Legendary Sidekick said:


> I think it depends on what works for you. For me, if I know the goal (not the character's only goal, but one that's important to the story), then I know what motivates the character to meet that goal.



I'm trying to find something that works for me, lol.

In the last week I've had a new idea for a revenge story.  I love revenge stories, but I've never thrown myself into writing one.  I also love arena stories (combat before an audience) so I'm going to throw that into the mix as well.  I do think it's simpler.  Young magic user travels to a large city to participate in ritualized magical combat (in an arena) but his real goal is avenging the death of his mother.  Simple, clean, neat.


----------



## Heliotrope (Jul 10, 2016)

This is where the Pixar story format helps me... Once upon a time there was a...... Every day he.....

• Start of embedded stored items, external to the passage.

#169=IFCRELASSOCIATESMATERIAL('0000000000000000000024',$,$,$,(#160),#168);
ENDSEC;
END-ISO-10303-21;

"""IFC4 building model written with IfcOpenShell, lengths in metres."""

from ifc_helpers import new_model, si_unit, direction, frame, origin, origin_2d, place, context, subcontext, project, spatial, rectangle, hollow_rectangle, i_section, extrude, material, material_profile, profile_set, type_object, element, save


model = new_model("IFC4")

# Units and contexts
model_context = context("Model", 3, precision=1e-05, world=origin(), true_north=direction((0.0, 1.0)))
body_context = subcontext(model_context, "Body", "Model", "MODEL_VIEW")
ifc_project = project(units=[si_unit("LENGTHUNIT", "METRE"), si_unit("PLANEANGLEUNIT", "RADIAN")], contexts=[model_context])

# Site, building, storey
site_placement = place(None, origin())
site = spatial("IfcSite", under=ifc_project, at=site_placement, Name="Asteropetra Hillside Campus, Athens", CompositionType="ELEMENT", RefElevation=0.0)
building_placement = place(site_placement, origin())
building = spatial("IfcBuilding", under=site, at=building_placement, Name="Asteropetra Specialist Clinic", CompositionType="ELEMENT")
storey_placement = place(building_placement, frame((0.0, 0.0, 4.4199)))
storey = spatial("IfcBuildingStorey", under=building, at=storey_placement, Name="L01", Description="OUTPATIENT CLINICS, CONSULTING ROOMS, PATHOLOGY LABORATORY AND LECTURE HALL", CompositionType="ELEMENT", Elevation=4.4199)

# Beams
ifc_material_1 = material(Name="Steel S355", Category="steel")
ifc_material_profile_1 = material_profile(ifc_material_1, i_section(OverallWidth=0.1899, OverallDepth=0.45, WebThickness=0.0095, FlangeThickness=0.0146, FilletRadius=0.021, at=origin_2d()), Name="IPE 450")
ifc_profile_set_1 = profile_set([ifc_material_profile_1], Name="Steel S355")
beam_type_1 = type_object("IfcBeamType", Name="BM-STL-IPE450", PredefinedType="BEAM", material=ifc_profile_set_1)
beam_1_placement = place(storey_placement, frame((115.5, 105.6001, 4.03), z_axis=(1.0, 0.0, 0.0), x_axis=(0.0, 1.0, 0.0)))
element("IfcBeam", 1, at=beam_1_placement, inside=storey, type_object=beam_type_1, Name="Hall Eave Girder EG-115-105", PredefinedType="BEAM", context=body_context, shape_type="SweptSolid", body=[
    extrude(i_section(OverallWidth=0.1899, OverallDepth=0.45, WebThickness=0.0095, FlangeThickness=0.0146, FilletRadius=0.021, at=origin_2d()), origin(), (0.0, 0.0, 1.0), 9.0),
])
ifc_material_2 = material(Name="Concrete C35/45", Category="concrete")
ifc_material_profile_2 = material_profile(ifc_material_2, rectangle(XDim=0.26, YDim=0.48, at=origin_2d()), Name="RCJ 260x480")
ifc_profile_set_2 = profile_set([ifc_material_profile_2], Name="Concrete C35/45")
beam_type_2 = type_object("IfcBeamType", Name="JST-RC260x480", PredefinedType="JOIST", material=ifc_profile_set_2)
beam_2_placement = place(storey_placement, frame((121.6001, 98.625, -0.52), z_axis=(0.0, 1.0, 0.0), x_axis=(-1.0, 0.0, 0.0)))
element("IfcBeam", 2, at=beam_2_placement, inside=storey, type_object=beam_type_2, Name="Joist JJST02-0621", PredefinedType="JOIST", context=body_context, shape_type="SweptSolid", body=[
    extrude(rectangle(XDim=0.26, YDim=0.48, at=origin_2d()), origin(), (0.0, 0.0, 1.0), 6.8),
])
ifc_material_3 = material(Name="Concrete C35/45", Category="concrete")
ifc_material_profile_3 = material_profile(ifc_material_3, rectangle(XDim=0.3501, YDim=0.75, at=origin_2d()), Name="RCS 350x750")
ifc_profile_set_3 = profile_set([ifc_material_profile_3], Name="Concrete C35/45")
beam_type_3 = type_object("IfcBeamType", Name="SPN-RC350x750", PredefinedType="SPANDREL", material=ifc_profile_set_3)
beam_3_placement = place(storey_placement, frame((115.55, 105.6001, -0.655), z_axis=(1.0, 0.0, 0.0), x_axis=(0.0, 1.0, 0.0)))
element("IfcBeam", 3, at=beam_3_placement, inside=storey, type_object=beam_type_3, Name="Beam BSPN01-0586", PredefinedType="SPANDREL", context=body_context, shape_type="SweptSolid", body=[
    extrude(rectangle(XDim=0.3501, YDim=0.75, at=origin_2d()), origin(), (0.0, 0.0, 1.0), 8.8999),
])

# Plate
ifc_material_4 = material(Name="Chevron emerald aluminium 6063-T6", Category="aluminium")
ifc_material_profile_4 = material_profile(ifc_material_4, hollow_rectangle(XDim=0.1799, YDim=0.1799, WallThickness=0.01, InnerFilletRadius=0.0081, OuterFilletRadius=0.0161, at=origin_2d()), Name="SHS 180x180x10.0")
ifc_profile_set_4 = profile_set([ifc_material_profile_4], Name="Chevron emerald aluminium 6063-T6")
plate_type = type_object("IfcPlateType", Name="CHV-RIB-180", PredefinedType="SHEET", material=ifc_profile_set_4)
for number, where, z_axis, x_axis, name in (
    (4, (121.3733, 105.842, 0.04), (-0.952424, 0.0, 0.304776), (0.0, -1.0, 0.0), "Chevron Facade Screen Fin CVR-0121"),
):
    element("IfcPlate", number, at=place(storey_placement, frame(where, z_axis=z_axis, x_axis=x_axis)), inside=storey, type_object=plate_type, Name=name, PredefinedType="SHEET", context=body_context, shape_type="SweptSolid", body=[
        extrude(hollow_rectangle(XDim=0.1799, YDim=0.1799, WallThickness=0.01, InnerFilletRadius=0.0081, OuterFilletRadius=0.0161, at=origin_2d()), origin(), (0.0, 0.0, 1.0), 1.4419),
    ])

Just thinking about these two sentences helps me establish where my character is at the start of the story and how it all ties together. 

Gladiator - once upon a time there was a Roman soldier named Maximus. Everyday he fought for Rome.....

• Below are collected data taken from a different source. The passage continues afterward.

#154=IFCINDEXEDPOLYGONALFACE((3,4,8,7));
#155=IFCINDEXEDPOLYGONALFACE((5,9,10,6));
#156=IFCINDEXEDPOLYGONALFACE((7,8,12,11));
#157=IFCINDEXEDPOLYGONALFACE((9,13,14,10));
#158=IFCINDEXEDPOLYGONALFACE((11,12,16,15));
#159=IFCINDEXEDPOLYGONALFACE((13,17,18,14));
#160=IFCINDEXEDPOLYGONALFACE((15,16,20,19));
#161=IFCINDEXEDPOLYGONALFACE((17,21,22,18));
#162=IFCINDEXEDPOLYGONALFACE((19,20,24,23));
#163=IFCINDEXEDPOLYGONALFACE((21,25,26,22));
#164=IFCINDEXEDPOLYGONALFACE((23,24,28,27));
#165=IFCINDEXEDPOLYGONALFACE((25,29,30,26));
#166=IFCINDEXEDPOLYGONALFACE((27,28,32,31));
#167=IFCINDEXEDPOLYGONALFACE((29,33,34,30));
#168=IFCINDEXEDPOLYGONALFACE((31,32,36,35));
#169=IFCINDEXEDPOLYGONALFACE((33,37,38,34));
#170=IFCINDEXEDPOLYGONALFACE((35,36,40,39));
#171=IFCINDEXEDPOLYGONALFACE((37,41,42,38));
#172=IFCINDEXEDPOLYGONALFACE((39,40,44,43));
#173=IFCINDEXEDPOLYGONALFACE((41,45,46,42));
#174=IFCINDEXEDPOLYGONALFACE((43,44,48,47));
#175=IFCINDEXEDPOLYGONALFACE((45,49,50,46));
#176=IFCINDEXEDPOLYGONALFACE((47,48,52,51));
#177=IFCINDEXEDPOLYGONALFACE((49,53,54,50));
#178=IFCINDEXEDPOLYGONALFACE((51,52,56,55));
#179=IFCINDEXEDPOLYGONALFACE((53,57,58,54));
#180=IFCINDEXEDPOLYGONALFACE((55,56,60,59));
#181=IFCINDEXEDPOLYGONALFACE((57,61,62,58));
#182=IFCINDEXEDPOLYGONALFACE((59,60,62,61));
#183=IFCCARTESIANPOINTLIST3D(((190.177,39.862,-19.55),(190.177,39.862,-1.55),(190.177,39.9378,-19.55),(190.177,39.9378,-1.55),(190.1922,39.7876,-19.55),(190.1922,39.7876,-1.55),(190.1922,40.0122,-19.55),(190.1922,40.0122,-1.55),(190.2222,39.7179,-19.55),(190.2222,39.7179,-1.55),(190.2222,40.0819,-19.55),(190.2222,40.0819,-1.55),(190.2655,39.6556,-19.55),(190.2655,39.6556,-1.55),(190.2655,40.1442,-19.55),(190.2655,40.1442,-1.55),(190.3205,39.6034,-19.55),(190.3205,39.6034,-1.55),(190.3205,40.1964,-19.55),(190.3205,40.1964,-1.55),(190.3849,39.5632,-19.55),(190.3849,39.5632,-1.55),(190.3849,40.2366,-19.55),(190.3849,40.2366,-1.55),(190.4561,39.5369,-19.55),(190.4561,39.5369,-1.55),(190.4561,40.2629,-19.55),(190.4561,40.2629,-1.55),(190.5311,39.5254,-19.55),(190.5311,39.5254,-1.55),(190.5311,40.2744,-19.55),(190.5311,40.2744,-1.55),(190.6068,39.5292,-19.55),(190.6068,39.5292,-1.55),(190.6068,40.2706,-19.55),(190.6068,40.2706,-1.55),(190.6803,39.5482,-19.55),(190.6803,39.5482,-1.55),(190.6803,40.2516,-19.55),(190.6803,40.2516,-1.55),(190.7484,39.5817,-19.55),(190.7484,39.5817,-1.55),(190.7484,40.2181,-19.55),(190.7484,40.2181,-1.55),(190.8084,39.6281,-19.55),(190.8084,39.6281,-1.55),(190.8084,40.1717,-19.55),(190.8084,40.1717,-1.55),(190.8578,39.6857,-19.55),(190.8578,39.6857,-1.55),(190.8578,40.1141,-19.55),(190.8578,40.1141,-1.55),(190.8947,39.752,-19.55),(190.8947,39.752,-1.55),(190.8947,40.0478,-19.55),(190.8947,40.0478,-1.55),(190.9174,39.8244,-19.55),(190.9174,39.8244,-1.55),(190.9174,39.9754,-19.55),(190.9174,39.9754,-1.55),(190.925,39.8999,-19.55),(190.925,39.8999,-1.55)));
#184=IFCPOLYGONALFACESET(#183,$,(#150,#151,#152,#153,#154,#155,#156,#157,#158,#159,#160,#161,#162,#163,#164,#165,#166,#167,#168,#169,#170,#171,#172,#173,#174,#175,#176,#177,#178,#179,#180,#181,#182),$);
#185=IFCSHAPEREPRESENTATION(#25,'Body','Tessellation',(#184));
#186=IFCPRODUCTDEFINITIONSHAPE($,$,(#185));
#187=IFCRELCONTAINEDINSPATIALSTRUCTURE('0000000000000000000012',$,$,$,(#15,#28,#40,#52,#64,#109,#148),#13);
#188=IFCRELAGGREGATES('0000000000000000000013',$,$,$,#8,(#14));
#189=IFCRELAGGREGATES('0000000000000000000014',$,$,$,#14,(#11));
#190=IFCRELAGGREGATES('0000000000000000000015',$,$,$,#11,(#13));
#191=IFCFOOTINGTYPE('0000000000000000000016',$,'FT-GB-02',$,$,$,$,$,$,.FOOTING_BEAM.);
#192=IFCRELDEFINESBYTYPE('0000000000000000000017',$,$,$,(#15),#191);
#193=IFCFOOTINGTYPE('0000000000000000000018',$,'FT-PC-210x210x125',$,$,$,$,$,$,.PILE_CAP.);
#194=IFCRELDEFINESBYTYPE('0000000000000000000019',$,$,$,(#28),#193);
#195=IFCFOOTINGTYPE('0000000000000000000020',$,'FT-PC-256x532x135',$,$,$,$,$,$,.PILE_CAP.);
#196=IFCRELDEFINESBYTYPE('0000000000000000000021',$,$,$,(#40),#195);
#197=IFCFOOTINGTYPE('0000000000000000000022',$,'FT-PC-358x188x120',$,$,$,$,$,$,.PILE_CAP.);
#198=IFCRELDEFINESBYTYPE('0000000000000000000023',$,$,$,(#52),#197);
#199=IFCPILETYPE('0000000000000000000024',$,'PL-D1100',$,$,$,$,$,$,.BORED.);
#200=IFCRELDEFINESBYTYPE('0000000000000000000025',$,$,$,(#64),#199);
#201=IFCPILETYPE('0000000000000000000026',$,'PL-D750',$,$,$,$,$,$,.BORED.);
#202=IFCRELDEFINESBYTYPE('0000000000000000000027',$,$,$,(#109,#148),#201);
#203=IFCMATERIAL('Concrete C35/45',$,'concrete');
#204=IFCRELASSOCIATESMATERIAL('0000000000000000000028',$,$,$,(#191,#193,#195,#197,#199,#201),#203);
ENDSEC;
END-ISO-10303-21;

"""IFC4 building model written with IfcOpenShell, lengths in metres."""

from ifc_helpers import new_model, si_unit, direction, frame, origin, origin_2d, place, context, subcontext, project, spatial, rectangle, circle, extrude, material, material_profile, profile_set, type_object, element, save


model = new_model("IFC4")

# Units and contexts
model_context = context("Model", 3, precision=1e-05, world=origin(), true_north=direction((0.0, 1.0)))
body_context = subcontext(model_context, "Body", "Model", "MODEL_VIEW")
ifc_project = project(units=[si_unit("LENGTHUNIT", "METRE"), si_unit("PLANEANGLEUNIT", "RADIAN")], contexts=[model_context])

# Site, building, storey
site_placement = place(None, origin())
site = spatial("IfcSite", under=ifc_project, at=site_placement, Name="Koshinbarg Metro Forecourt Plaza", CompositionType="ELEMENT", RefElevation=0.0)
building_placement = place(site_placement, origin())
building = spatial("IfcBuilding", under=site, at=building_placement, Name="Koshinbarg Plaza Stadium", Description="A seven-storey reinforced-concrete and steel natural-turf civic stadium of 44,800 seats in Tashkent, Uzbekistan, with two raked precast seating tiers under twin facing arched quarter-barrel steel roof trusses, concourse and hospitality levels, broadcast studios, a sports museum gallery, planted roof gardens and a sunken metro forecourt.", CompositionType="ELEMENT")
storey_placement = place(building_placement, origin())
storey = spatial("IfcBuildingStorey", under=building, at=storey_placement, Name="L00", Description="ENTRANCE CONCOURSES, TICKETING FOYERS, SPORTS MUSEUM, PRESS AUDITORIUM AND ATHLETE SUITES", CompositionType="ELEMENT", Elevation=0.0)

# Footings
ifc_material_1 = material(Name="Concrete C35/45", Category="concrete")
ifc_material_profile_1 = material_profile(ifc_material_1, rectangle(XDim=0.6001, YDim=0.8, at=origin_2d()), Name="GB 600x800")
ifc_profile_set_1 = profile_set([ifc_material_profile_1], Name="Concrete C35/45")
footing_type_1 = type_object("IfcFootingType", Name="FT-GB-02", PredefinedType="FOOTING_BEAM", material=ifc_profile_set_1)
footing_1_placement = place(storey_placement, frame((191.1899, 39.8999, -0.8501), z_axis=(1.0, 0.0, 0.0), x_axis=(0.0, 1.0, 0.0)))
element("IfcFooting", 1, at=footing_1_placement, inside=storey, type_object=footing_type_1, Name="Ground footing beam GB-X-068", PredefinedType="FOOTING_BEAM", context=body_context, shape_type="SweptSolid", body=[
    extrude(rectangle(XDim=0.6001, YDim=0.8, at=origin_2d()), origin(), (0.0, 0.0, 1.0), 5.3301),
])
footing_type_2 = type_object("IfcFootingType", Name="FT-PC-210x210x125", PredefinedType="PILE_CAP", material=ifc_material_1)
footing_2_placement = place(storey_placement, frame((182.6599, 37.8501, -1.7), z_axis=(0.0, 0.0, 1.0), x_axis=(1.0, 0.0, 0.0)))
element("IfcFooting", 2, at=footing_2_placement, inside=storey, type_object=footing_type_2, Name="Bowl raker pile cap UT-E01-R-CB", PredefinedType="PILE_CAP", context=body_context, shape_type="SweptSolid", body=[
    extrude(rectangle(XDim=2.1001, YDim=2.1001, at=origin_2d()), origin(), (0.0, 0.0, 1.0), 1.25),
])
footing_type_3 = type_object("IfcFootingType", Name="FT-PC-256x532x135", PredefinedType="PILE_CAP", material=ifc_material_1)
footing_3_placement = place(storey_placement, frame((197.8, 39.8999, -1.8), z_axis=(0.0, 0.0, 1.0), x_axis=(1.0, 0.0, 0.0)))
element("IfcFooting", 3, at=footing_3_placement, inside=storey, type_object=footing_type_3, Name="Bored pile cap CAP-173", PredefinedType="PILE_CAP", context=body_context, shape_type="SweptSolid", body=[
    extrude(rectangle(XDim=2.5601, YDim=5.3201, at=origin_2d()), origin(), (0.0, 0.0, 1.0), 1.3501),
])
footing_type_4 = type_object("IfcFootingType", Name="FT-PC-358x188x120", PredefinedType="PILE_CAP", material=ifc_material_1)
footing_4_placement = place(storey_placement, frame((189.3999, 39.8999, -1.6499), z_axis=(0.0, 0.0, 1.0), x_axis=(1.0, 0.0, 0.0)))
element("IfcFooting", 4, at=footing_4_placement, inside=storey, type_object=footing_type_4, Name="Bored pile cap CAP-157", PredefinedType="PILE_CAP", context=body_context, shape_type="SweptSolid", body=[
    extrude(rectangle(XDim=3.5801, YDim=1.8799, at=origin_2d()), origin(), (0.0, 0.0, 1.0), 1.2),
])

Tangled - once upon a time there was a lonely girl named Rapunzel. Every day she dreamed to escape her tower and see the world. 

Star Wars - once upon a time there as a farm boy named Luke. Every day he dreamed of leaving the farm and becoming a Jedi like his father....

You get the point. This gives the character that emotional goal that will be the theme of the story. Then you add the physical goal...


----------



## La Volpe (Jul 11, 2016)

For what it's worth, my opinion reflects what some others have said: Goal is the concrete measurable thing that the character wants; motivation is the reason he wants that goal.

In addition, the motivation might be simply to achieve another goal. I.e. the man's goal is to slay the dragon. Why? Because he wants to win the king's favour. But that's a goal too. So this motivation is the completion of another goal. Ergo, why does he want the king's favour? To marry the princess. Why does he want to marry the princess? To be happy.

Now, with the last one, we have a motivation that has intrinsic value. Or we might qualify it further by saying that a motivation stems from a need. I.e. the man is lonely, so he needs companionship. To satisfy that need, he sets the goal to marry the princess. This spawns two more goals, which all link back to his original motivation to satisfy the need for companionship.

-

Another thing that I thought of while I was reading the thread: a lot of the Dune-style stories -- i.e. Harry Potter and Star Wars -- seem to follow a pattern of the character reacting, and then later choosing to act.
E.g. Star Wars
Luke starts off wanting to go pod racing or something with his friends. He reacts as things happen to him (e.g. R2 wandering off, and Luke going to look for him), and tries to restore the status quo. When Obi-Wan suggests he come along, he declines. But at some point, he changes from reacting the things happening to him. I.e. when he gets home and finds his family murdered, he makes a choice to act. He changes his goal from wanting to be a pilot (or whatever he wanted originally) to helping Obi-Wan save Leia etc. 

Lord of the Rings
When Frodo gets the ring, he spends most of his time simply running for his life. I.e. reacting to things happening to him. But later, in Rivendell, he makes a choice to become proactive by taking the ring to Mordor.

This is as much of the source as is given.